Overheard at Work:
Me: CJ? Can you pass me that folder?
My Boss: His name is Clinton ...
Me: Funny, when he introduced himself to me he said his name was CJ so I'll call him CJ.
My Boss: Well, his name was Clinton.
Me: Well, If I were to call people by names that others suggest that I call them, you can only imagine what names I'd be hurling at you ... starts with an 'F' and ends with an 'r'.
It's a wonder I'm employed at all.
Remember when Tim Tebow would score a touchdown and drop to his knees and pray to God or thank God, or just settle for a moment, and people began selling the T-shirts.
Well, when Kansas City Chiefs safety Husain Abdullah intercepted a Tom Brady pass and returned it for a touchdown he did the same thing: he stopped and thanked his God, too.
The difference? Abdullah was penalized 15 yards for unsportsmanlike conduct.
Oh yeah, he’s Muslim, so maybe that explains why. I guess in football, you can beat your wives and girlfriends, have drug problems, anger issues, but you can’t bow down to thanks your God unless you’re a Christian.
Midler, that is; she is releasing a new album entitled “It’s The Girls!” produced by Mark Shaiman. It is said to be an album of covers, but only from girl groups, from the 19030s through to today.
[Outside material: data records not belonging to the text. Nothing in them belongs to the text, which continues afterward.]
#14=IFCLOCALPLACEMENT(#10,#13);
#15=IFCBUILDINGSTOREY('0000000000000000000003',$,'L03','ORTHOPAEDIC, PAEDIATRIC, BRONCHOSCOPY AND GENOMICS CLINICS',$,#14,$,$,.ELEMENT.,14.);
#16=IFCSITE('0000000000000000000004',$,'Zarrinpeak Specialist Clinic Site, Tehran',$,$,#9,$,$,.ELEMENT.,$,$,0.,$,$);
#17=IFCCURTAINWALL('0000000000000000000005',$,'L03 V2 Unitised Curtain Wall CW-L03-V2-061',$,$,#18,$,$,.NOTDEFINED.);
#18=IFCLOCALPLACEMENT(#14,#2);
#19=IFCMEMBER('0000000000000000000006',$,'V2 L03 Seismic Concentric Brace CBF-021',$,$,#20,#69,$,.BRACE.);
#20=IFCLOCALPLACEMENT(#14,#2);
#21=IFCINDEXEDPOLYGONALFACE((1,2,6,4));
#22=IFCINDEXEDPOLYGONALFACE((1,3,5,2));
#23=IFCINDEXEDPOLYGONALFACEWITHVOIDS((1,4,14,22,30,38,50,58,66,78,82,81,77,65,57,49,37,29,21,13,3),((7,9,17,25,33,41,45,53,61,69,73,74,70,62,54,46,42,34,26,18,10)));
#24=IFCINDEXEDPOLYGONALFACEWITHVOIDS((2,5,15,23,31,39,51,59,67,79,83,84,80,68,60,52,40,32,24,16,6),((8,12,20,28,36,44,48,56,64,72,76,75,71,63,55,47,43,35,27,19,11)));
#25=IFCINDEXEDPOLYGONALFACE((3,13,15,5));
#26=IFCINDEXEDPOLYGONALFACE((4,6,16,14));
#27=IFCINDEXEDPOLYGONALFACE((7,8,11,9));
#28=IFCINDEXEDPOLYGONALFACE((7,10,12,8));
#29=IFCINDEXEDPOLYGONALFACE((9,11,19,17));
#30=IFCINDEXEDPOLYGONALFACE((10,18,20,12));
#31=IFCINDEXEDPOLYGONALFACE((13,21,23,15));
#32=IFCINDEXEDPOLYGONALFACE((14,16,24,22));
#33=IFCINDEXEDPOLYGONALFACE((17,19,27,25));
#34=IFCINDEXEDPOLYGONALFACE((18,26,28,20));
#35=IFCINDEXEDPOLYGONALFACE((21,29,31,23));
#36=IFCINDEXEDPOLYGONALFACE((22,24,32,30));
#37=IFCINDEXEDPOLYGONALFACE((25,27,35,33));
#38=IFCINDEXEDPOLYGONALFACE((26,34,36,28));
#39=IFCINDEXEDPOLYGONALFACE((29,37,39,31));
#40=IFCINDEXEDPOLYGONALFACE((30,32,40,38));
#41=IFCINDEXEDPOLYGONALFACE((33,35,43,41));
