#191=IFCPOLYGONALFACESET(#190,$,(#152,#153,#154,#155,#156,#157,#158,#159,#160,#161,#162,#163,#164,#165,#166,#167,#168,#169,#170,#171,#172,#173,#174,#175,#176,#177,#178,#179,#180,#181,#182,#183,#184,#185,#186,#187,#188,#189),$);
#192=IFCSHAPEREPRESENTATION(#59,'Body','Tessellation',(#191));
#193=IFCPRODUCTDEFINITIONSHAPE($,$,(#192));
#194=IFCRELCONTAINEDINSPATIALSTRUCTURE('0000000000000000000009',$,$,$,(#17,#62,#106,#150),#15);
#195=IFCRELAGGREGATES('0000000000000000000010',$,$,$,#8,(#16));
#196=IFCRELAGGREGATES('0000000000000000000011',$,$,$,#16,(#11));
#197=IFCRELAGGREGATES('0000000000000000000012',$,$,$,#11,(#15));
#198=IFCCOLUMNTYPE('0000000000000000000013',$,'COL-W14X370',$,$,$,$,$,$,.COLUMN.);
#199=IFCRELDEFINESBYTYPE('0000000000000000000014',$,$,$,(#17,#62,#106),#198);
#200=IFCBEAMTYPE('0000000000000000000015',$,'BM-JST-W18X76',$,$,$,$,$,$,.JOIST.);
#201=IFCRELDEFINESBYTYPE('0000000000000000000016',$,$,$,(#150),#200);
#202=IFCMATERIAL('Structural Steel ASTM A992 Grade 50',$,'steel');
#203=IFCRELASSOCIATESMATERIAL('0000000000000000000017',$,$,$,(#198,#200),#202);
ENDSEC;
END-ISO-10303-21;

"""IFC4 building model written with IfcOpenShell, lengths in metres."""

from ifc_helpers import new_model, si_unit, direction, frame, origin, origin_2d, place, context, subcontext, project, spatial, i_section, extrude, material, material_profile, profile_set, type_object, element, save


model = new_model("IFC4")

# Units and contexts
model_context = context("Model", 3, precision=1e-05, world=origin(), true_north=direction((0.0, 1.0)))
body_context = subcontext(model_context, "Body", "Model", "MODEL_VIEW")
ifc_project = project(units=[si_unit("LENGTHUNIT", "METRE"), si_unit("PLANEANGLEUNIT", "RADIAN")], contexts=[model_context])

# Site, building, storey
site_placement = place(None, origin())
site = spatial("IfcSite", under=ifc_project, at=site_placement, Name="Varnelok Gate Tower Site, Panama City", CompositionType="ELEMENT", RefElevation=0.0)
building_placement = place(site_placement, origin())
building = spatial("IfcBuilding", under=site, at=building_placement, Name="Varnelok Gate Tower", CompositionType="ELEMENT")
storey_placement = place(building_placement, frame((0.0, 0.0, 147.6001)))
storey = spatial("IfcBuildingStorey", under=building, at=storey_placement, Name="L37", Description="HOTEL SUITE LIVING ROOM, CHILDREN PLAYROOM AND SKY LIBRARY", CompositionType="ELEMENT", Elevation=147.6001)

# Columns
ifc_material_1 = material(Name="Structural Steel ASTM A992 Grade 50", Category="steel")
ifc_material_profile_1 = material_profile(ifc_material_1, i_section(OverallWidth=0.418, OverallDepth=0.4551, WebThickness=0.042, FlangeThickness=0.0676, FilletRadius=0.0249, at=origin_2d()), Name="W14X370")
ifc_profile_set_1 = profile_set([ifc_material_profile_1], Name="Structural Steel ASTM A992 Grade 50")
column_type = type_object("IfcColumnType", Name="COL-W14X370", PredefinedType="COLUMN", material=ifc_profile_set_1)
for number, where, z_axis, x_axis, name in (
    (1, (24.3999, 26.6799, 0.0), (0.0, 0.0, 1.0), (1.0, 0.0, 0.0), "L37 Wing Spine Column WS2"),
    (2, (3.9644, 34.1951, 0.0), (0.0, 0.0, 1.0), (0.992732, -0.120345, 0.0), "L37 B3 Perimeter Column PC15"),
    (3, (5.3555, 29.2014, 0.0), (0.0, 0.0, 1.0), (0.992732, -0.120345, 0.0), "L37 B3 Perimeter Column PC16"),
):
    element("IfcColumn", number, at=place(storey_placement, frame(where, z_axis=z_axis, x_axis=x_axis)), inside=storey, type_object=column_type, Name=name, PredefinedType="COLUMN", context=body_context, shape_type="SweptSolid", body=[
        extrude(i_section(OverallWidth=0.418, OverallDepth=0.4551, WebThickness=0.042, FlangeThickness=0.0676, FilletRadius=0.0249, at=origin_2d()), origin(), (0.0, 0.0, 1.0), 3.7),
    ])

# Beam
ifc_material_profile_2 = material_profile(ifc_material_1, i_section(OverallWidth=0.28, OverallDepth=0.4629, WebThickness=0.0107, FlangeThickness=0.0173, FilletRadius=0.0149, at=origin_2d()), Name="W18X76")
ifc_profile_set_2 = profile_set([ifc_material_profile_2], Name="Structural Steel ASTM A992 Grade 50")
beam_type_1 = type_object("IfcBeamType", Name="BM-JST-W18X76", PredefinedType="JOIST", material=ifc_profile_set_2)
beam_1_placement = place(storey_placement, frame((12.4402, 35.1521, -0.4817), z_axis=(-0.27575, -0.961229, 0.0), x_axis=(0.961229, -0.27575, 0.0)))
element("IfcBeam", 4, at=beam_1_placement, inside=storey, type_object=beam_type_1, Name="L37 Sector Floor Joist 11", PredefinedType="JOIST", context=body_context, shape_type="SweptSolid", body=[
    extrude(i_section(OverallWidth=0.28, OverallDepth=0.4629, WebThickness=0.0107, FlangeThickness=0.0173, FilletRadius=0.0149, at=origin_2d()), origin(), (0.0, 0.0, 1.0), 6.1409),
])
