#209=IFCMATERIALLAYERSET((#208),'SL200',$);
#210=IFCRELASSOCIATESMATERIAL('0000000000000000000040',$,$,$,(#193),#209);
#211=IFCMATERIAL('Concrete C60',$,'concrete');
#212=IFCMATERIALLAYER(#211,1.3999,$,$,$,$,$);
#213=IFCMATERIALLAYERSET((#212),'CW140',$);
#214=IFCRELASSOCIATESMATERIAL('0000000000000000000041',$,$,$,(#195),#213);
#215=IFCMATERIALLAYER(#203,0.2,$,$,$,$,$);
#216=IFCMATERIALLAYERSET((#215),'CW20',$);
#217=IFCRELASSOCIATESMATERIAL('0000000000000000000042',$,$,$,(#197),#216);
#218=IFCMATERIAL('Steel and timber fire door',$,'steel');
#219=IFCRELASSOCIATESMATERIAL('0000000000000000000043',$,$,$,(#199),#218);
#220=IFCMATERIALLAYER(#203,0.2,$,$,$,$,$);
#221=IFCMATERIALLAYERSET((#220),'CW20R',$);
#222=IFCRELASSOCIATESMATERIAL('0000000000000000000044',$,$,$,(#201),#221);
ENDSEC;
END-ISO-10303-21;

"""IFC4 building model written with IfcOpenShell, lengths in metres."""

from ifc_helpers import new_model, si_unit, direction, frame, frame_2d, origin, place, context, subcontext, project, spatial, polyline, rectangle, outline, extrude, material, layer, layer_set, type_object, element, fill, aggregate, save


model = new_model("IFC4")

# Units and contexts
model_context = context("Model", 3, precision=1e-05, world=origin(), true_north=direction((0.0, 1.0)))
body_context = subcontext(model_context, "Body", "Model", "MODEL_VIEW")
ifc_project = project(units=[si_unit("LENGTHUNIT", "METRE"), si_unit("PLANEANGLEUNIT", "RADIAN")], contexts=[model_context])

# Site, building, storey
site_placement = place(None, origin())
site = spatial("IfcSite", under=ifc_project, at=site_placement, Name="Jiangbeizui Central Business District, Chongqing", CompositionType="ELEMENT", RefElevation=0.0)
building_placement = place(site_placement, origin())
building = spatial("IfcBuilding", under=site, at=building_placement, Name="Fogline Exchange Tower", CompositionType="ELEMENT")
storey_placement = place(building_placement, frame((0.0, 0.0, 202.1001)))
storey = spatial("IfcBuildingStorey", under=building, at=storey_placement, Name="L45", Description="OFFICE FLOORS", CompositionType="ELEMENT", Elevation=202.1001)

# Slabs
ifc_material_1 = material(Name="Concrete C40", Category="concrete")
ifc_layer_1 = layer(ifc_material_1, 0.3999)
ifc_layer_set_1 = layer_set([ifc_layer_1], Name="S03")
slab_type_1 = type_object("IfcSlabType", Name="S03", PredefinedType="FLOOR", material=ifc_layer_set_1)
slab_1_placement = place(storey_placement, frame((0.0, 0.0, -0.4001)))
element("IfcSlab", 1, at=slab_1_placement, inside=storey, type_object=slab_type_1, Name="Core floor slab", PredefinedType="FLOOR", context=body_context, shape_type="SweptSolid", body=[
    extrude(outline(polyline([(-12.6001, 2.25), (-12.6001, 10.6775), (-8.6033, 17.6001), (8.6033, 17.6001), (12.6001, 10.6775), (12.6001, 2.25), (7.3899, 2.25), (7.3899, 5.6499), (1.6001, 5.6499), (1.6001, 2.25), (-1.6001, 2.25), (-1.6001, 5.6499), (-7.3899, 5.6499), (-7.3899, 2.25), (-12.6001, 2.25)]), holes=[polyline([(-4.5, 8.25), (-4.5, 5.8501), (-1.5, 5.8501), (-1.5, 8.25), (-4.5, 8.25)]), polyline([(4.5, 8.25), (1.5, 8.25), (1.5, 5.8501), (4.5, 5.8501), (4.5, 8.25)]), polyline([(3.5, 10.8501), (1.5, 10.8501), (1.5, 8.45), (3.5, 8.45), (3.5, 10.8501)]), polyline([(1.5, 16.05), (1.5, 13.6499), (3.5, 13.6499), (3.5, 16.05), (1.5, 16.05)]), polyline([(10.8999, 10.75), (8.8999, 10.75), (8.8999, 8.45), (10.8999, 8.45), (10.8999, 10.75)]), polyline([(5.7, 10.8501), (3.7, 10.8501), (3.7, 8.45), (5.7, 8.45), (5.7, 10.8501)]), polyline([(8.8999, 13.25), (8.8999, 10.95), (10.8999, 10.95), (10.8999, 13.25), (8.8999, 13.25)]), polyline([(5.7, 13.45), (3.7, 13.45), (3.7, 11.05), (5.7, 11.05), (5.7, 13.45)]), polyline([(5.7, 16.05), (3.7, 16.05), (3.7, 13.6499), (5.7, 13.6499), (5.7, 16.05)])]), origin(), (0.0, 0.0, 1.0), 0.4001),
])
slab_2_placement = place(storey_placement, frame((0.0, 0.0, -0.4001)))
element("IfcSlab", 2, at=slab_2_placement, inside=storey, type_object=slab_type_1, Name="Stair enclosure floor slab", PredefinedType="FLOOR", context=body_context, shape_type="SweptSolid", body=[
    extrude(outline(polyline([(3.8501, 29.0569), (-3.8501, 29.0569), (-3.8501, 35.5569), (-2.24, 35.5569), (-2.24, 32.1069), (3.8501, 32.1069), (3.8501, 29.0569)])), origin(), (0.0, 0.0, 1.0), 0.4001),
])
Think Bette does The Andrews Sisters to The Supremes to En Vogue to Destiny’s Child.
It drops — look at me with the industry-speak — November 4th and should be fa-a-a-a-bulous!
Out there to California, Governor Jerry Brown has signed into law a bill outlawing the "gay panic" defense in court.
Yup, no more The gay guy asked me to dance so I shot him fifty times defense.
It makes California the first state in the nation to enact this kind of law, and it’s about time.
On TV last week we watched the premier of How To Get Away With Murder, starring the beautiful Viola Davis — quite possibly one of the greatest actresses ever — as a law professor and defense attorney.
It’s from Shonda “Scandal” Rimes so it has that same, WTF just happened feel to it.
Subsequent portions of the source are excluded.